And yes. A programming language or framework is/has a user interface.

------
eof
I've been doing (mostly backend) webwork for a living for about half a decade
now; the last ~6 months I have been building an app that is using angular.

I agree the documentation sucks; but beyond that I actually don't have any
complaints. I don't have anything to compare it to; but I have written _some_
JS over the years and what angular is doing is blowing my mind.

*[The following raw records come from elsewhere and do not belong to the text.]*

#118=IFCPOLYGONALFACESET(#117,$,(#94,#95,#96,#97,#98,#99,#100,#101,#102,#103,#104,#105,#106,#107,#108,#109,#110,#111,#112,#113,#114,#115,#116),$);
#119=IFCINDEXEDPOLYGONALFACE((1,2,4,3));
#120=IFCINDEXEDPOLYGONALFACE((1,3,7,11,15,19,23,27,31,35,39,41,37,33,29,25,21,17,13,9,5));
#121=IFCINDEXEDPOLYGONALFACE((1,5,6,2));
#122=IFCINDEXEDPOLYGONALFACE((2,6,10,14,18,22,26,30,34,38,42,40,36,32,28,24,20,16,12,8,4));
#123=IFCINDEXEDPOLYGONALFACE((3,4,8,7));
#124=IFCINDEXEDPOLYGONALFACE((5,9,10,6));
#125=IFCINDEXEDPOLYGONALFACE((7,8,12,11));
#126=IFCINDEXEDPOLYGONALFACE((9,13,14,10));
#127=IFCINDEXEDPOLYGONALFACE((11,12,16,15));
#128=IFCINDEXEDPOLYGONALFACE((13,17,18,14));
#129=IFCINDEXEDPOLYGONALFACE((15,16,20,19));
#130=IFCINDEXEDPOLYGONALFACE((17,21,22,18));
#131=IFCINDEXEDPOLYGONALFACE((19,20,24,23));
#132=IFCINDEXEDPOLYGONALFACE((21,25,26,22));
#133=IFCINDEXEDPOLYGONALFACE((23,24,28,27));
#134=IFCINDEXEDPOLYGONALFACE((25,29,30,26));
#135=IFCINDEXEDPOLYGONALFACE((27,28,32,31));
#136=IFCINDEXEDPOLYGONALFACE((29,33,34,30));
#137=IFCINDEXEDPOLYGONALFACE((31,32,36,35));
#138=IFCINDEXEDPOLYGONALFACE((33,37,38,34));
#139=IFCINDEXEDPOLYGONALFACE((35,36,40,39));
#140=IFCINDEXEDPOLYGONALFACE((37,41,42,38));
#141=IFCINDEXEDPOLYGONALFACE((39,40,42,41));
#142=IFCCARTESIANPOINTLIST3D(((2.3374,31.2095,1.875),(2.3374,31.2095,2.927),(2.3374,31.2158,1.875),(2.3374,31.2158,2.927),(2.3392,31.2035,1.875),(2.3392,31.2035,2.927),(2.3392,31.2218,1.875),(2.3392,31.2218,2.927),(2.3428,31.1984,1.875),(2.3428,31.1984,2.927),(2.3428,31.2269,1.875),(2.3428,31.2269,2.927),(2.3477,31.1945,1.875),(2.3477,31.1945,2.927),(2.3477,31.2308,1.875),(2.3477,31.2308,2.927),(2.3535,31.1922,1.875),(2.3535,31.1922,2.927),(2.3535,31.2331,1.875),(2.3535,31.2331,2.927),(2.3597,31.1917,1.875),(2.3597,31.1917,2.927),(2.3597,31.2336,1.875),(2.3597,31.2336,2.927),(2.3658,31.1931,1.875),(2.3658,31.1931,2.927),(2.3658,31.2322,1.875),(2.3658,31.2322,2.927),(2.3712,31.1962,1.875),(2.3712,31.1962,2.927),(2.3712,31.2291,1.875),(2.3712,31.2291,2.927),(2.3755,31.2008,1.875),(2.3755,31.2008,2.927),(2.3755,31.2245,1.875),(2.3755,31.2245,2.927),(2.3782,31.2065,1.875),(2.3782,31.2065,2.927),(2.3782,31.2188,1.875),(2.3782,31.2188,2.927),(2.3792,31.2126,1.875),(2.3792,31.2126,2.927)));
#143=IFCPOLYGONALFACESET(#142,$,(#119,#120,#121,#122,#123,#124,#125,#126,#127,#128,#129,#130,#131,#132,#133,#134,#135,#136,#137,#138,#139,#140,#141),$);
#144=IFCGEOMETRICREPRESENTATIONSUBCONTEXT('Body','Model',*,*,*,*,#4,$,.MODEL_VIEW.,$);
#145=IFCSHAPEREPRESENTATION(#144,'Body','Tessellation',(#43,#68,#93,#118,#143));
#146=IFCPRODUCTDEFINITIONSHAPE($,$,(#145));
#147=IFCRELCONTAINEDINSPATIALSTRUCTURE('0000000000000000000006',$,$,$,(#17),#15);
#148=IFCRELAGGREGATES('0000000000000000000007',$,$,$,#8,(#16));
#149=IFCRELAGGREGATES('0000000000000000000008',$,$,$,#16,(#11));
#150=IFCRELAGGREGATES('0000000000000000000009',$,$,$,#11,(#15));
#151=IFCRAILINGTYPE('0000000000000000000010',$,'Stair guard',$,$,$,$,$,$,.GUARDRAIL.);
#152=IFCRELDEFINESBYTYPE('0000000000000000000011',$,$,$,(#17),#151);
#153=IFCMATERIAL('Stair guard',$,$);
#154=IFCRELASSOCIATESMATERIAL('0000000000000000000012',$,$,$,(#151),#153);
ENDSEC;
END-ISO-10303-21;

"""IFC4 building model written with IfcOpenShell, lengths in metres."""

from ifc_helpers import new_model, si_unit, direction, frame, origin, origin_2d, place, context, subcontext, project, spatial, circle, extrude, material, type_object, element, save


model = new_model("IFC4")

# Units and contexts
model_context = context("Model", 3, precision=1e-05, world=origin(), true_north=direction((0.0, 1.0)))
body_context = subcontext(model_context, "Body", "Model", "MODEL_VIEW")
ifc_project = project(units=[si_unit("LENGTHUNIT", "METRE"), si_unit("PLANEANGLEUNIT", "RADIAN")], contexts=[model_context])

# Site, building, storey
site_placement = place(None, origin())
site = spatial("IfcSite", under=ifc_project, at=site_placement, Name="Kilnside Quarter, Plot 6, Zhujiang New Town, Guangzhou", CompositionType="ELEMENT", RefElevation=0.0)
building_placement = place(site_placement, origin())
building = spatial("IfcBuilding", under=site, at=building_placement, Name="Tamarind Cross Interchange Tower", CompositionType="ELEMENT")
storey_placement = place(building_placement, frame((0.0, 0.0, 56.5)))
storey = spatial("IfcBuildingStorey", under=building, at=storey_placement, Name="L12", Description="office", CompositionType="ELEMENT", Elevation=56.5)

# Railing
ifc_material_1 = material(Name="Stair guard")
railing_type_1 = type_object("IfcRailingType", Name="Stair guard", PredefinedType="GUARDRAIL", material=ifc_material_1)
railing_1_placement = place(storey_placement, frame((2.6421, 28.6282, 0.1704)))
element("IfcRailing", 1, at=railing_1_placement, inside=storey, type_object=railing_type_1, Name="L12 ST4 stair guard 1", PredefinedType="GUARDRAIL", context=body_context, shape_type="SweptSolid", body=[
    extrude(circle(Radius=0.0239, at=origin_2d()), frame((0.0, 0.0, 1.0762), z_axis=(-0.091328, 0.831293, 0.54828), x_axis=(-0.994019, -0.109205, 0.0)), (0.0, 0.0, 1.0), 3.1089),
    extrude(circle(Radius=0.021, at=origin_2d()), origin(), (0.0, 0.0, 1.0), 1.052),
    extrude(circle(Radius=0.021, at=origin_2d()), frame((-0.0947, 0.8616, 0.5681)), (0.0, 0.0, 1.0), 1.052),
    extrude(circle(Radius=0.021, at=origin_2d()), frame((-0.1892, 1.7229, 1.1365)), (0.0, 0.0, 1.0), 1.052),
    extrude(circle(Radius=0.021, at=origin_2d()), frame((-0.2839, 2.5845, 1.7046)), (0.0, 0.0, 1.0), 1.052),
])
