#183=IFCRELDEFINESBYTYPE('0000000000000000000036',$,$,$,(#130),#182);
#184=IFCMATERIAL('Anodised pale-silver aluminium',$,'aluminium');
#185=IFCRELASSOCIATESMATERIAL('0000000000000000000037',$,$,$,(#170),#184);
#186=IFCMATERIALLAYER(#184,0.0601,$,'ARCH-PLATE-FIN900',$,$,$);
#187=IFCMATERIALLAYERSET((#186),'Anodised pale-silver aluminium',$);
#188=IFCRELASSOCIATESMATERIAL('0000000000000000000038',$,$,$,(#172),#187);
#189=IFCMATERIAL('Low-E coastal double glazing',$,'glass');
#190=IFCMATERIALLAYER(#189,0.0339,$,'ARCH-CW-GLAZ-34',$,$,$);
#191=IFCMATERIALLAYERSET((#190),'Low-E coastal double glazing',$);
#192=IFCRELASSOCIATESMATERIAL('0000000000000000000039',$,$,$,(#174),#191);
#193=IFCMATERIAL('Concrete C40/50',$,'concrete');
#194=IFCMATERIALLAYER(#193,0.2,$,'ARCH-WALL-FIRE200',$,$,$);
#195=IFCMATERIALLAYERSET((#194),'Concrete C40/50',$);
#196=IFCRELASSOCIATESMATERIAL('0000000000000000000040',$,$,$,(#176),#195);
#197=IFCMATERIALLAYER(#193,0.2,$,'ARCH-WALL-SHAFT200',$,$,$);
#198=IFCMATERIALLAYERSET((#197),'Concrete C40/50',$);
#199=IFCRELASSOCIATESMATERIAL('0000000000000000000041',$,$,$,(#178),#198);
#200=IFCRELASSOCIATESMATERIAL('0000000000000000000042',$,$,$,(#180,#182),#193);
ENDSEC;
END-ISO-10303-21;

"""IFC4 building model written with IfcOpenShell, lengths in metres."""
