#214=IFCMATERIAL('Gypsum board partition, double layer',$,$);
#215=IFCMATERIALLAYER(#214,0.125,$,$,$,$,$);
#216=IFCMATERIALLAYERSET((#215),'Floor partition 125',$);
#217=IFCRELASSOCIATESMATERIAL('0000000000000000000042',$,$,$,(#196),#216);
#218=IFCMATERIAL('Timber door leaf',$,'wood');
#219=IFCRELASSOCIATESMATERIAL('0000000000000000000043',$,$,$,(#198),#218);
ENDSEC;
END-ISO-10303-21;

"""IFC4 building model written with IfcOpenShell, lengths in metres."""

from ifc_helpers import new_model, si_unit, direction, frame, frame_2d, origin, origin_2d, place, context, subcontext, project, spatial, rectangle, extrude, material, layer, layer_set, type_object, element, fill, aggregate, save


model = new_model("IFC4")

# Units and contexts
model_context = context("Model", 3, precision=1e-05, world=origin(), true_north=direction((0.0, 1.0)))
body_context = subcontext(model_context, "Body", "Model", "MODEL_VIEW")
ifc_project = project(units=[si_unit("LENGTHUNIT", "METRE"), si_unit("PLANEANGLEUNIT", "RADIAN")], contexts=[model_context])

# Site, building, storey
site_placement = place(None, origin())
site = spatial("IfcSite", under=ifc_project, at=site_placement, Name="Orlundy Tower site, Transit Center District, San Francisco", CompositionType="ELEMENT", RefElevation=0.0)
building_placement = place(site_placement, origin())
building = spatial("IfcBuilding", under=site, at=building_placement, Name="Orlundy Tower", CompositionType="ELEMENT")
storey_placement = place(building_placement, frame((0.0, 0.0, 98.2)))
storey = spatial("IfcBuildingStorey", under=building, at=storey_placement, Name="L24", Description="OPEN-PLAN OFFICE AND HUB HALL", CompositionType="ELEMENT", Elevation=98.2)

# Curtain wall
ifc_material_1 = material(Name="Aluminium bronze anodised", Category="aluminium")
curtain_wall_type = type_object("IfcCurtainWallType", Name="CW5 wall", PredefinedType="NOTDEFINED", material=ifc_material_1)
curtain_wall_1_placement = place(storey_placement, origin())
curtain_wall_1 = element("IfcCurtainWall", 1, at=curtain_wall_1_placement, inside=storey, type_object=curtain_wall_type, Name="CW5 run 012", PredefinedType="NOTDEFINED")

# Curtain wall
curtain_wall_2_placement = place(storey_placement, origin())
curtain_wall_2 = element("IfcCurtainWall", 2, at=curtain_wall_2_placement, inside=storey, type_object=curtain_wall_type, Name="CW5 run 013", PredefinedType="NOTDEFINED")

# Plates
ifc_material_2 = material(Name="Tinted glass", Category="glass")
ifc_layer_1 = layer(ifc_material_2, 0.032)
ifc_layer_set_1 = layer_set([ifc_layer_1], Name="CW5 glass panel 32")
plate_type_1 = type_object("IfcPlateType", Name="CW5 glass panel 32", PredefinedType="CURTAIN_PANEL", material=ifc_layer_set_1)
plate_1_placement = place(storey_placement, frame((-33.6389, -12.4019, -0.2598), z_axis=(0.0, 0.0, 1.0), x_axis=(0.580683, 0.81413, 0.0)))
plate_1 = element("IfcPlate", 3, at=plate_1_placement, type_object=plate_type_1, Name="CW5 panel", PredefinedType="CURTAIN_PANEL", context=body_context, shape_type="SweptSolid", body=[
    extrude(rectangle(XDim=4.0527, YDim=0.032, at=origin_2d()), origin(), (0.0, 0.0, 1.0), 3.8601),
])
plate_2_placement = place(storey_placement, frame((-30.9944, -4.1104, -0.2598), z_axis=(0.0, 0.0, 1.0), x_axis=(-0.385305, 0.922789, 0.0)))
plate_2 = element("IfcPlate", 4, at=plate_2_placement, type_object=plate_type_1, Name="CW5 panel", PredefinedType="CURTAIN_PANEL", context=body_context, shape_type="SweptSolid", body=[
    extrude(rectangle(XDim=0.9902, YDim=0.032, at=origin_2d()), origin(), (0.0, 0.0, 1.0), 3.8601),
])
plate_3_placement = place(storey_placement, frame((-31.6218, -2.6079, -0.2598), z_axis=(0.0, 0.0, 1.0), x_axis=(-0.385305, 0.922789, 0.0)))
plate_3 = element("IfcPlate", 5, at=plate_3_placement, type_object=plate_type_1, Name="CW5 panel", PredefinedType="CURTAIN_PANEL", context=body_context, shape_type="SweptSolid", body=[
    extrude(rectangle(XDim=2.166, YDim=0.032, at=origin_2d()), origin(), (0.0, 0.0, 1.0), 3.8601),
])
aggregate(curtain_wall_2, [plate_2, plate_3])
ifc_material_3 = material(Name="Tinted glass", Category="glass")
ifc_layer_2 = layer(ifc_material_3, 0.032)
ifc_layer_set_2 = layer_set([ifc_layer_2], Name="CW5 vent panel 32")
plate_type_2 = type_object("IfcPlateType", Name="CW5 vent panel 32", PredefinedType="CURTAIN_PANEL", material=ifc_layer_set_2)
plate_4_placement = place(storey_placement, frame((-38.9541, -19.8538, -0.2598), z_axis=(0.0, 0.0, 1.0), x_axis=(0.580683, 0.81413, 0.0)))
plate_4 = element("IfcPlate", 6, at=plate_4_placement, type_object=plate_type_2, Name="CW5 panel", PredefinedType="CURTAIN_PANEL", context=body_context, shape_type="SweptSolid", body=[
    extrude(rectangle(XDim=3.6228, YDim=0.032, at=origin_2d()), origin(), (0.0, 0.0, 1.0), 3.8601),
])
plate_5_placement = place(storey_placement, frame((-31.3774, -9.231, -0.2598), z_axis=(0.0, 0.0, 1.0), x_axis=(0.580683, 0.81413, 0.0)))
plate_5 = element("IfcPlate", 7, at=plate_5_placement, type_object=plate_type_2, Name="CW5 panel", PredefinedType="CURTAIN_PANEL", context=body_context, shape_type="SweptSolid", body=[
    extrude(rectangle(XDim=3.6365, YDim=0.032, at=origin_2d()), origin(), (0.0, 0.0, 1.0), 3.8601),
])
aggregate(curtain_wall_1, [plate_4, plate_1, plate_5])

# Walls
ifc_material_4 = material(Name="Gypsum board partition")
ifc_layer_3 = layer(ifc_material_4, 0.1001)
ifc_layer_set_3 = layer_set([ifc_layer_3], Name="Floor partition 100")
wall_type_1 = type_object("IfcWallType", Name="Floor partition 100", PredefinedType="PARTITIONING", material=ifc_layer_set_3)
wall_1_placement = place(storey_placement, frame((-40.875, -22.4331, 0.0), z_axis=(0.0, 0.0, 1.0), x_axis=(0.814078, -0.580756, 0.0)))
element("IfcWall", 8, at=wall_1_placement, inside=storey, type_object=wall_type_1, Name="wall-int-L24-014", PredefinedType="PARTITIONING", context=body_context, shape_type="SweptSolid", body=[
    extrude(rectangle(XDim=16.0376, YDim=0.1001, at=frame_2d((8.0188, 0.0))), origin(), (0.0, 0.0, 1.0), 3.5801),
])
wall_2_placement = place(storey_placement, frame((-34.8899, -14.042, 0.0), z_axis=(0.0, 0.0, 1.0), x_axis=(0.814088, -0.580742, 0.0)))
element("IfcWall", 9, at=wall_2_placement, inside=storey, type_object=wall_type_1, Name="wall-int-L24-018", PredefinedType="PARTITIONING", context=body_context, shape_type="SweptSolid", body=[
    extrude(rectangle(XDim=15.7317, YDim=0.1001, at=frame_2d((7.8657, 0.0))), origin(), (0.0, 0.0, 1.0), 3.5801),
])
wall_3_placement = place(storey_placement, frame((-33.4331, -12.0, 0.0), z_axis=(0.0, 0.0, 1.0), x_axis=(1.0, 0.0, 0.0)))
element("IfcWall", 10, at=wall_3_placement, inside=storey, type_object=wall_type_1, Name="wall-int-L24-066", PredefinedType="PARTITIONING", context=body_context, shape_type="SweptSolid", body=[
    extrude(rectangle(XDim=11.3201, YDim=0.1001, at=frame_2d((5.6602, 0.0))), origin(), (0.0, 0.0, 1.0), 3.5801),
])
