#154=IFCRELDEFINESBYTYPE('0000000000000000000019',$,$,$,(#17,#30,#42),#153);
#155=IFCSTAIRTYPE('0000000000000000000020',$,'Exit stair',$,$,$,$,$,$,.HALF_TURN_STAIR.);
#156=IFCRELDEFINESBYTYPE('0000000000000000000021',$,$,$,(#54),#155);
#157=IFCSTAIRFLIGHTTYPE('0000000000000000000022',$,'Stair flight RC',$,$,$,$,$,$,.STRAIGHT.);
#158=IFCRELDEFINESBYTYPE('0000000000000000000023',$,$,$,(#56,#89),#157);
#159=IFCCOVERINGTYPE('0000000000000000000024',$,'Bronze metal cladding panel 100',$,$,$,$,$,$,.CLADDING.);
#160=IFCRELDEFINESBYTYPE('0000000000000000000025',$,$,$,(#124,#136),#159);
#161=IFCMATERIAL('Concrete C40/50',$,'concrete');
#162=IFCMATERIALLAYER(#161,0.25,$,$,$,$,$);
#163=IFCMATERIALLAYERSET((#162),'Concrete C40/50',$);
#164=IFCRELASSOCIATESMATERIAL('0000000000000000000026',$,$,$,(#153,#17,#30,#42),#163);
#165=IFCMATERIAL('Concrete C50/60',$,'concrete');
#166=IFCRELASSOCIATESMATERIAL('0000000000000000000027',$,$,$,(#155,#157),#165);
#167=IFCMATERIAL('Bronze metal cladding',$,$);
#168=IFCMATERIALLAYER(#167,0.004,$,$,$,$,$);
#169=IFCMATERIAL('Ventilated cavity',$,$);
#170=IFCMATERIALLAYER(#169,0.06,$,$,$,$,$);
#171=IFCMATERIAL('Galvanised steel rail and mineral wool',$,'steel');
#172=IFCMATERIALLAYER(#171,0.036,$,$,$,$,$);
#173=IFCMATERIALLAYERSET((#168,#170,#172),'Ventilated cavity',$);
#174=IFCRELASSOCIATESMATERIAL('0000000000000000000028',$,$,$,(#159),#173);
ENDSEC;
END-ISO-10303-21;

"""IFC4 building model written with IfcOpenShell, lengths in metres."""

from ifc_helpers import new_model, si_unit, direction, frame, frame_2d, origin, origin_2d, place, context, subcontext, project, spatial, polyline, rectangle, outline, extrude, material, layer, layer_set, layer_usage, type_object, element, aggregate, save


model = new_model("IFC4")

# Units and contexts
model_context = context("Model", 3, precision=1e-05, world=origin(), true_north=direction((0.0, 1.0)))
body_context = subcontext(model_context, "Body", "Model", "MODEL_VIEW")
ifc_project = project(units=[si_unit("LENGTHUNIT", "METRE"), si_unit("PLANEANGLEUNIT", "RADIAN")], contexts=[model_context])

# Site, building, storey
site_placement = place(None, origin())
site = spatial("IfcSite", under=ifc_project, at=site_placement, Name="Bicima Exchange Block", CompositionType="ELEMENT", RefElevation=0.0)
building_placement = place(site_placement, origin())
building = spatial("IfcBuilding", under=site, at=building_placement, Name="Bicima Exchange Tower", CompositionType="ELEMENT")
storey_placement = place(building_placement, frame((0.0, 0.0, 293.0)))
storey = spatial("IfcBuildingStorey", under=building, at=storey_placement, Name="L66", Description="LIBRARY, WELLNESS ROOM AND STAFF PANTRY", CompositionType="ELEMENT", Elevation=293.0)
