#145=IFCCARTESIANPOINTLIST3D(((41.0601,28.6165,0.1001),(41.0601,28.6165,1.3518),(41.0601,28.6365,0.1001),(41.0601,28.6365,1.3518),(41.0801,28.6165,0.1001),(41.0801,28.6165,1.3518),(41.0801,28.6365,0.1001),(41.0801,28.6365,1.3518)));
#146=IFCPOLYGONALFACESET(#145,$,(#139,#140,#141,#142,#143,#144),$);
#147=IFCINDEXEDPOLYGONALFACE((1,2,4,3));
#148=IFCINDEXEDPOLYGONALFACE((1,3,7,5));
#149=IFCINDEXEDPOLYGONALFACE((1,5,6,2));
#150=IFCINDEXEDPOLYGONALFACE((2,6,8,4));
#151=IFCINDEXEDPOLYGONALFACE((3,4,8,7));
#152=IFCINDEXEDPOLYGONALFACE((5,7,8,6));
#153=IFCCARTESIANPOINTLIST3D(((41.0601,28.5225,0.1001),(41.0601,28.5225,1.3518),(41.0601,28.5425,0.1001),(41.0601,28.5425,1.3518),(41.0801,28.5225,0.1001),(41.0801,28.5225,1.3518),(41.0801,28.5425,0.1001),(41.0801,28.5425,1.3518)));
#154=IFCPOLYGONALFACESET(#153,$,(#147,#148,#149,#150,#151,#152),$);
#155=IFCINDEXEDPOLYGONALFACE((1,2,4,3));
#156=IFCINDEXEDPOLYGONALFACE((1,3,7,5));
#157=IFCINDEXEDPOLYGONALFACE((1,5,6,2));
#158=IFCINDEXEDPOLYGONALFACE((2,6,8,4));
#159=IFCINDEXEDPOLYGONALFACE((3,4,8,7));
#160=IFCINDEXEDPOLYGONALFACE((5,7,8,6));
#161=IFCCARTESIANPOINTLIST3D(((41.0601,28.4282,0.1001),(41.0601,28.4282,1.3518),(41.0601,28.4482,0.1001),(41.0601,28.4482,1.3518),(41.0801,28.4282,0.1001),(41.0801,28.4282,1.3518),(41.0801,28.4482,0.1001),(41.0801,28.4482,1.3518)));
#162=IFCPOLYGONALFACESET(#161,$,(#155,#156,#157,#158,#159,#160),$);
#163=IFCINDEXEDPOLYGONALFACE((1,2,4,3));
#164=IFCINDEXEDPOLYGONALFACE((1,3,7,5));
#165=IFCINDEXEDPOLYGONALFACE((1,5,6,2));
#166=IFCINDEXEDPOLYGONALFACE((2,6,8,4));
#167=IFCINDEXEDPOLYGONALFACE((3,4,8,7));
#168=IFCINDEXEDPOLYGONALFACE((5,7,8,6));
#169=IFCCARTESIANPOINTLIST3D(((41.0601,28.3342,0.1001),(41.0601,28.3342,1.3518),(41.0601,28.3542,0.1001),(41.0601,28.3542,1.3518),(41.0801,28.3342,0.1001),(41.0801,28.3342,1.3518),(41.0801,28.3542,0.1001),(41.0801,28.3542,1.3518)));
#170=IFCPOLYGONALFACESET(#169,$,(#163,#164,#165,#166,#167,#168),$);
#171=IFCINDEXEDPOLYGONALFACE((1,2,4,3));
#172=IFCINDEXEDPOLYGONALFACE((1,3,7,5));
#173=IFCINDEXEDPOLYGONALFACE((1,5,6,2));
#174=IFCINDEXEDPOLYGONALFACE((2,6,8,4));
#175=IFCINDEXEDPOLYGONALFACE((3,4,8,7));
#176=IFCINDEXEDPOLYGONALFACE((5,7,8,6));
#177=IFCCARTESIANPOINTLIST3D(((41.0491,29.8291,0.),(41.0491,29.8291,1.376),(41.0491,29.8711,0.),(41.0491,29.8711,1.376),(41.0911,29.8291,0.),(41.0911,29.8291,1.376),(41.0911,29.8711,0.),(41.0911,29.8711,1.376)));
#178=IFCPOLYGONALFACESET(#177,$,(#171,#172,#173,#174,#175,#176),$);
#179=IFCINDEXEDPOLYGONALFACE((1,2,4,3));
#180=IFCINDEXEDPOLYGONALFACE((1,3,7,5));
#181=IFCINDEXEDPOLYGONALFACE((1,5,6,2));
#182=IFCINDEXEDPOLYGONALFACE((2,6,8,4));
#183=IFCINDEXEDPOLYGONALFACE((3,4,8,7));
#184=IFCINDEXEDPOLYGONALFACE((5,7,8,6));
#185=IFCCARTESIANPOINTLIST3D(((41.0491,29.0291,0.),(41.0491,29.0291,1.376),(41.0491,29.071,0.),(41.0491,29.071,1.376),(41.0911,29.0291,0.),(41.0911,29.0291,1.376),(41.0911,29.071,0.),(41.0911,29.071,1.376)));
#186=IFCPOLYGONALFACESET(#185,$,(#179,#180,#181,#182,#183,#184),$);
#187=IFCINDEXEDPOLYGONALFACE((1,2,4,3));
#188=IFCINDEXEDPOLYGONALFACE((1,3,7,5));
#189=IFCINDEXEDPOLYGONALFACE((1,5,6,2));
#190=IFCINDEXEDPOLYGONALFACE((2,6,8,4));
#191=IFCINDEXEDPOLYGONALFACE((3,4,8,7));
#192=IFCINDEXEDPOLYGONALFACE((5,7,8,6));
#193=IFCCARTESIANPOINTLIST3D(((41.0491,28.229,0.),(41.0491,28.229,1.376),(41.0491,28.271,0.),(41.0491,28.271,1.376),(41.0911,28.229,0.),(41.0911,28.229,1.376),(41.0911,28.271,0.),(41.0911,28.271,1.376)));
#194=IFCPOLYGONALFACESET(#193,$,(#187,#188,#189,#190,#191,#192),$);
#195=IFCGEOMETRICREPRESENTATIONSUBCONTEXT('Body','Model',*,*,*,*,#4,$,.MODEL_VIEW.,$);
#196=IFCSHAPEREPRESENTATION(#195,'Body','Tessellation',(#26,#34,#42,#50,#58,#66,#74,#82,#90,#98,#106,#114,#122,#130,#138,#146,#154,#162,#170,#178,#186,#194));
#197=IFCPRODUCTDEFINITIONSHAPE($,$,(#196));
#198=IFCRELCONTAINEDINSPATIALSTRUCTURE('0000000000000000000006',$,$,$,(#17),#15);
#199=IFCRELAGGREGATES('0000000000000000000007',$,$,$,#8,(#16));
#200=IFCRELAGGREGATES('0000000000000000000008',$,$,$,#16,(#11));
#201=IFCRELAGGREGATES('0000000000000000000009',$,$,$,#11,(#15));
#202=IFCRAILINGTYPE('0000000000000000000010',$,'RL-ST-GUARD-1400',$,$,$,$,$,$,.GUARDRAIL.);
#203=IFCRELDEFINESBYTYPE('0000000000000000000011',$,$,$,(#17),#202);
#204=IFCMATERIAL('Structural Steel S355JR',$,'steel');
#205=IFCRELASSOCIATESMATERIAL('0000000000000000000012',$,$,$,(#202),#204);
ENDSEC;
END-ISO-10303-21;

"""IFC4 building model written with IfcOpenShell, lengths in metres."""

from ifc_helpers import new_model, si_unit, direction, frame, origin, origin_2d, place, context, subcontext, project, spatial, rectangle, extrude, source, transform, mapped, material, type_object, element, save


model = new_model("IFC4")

Because it blows my mind I find it hard to bitch or find fault. I _did_ have
to spend several hours stepping through angular core code to figure out WTF
was going on with $scope.$watch(); but again, I can't really say that $watch
_itself_ sucks; just that I had to read the code to actually understand how to
use it.

If I _had_ to pick something other than documentation to point at, I would say
that silent shadowing of non-object primitives when "new" scopes are creates
for things like ng-repeat and ng-if

------
gbadman
This is a good set of arguments explaining some challenging corners of
AngularJS.

It is true that when you start getting into the realm of edge cases,
substantial knowledge of the framework's internals is required to put together
a solution that is consistent with the 'zen of Angular'.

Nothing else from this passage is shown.